Agnieszka Rawluszko-Wieczorek

Protein postranslational modifications (PTM) occur broadly accross human proteome. Interests in lysine methylation intensified when its role in chromatin remodeling was observed. Depending on the site and state of this PTM, histone methylation may either leads to activation or repression of gene transcription. Amino group of lysine residues may be mono-, di- or tri-methylated with each methylation state accompanied with distinct biological outcome. The studies on histone methylation also opened avenues to for searching other targets of lysine methyltransferases. In 2004 central tumor suppressor, p53, was found to be methylated which caused its stability and p53-mediated apoptosis in response to genotoxic stress. After that many others non-histone targets were identified. My research is focused on the central question of how lysine methylation reveals its biological function.

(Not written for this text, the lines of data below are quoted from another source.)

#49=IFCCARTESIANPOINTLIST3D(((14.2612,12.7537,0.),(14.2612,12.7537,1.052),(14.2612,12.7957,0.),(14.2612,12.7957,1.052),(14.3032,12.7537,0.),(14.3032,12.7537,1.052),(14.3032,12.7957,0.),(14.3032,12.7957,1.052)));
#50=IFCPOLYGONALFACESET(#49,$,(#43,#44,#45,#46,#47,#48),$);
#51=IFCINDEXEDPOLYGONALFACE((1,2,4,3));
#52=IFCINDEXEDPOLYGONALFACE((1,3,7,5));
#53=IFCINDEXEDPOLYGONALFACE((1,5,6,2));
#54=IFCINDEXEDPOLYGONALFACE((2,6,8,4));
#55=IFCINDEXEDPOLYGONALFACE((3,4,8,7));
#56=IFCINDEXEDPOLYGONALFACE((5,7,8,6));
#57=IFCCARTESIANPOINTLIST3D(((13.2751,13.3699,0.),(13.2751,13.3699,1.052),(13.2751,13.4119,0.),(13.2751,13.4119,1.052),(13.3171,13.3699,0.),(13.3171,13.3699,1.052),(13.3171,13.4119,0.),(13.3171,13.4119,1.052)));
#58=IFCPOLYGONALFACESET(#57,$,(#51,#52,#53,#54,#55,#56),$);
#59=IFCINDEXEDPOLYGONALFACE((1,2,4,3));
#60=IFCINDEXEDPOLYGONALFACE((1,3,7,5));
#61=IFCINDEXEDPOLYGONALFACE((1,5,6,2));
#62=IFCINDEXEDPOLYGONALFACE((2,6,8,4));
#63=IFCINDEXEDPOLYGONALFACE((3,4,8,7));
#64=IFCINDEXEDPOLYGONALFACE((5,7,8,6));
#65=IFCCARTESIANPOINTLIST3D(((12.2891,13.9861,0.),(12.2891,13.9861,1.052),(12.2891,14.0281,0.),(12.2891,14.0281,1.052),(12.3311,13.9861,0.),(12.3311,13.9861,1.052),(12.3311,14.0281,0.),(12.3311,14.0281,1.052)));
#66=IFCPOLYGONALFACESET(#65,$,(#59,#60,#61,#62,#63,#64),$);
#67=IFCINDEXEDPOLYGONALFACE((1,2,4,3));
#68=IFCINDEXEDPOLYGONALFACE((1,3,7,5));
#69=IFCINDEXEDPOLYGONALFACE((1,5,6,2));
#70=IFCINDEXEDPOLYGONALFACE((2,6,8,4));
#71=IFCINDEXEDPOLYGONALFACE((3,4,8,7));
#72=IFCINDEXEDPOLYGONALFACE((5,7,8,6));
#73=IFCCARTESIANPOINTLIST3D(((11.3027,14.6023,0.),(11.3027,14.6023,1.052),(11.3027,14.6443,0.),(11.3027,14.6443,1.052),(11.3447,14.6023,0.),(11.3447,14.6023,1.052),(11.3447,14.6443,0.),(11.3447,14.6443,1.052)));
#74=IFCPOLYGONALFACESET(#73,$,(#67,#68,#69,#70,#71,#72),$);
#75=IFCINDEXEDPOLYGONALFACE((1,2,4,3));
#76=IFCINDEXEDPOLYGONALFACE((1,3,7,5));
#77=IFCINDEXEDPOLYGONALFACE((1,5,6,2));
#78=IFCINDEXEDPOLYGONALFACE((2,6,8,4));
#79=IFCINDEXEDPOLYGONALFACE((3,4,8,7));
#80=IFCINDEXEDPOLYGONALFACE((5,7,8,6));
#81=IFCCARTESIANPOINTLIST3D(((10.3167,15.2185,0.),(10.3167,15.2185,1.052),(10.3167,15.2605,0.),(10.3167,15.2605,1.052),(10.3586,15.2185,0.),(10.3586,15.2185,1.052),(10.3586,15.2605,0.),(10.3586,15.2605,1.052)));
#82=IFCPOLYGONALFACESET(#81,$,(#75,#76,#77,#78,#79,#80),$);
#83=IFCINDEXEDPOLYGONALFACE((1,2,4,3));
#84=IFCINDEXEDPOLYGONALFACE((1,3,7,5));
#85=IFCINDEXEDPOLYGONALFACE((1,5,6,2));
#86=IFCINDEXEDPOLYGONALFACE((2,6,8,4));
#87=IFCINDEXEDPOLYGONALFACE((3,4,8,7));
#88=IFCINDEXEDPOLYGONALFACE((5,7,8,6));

Investigation of reading domains with unknown function

Methylation does not substantially alter the lysine’ biophysical properties. Mainly, biological outcome is driven via so called ‘readers’ (reading domain), which not only recognize the methylation mark but also, distinguish between various methylation states. The functional readout of particular lysine methylation depends on ‘reader’ character. It can be: involved directly in formation of chromatin structure (ex. Heterochromatin protein 1); scaffold for binding of other proteins which induce local chromatin changes; adaptor factors which are involved in DNA metabolism (transcription factors, DNA replication and repair machinery). Despite great research efforts, the function of newly identified lysine methylation targets and their reading domains awaits elucidation. Our group examines reading domains with unknown functions.

Identification and characterization of new reading domains

High number of potential methylation sites in proteome almost guarantee that large number of readers with important biological function remains to be discovered. Moreover, mainly quantitative mass spectrometry (MS) methods are adpoted for identification of readers. Their main drawback is bias toward higher abundance proteins and limited detection of small scale interactions. Additionally, many interaction beside low abundance have high turnover rate and escape identification in MS approaches. Hence, development of cost-effective screening method for protein partners based on their methylation status is very timely and will bring significant progress in methyllysine readout.

Coordinated binding of multiple PTM provides a lock-key type mechanism for particular target proteins and ensures proper biological outcomes. Misreading of lysine marks has been shown to underlie human disease, including autoimmune, developmental abnormalities and cancer. Thus investigating the binding of the readers to methylated partners is not only important for elucidating fundamental mechanisms of cellular regulation but also necessary for design of targeted therapeutics.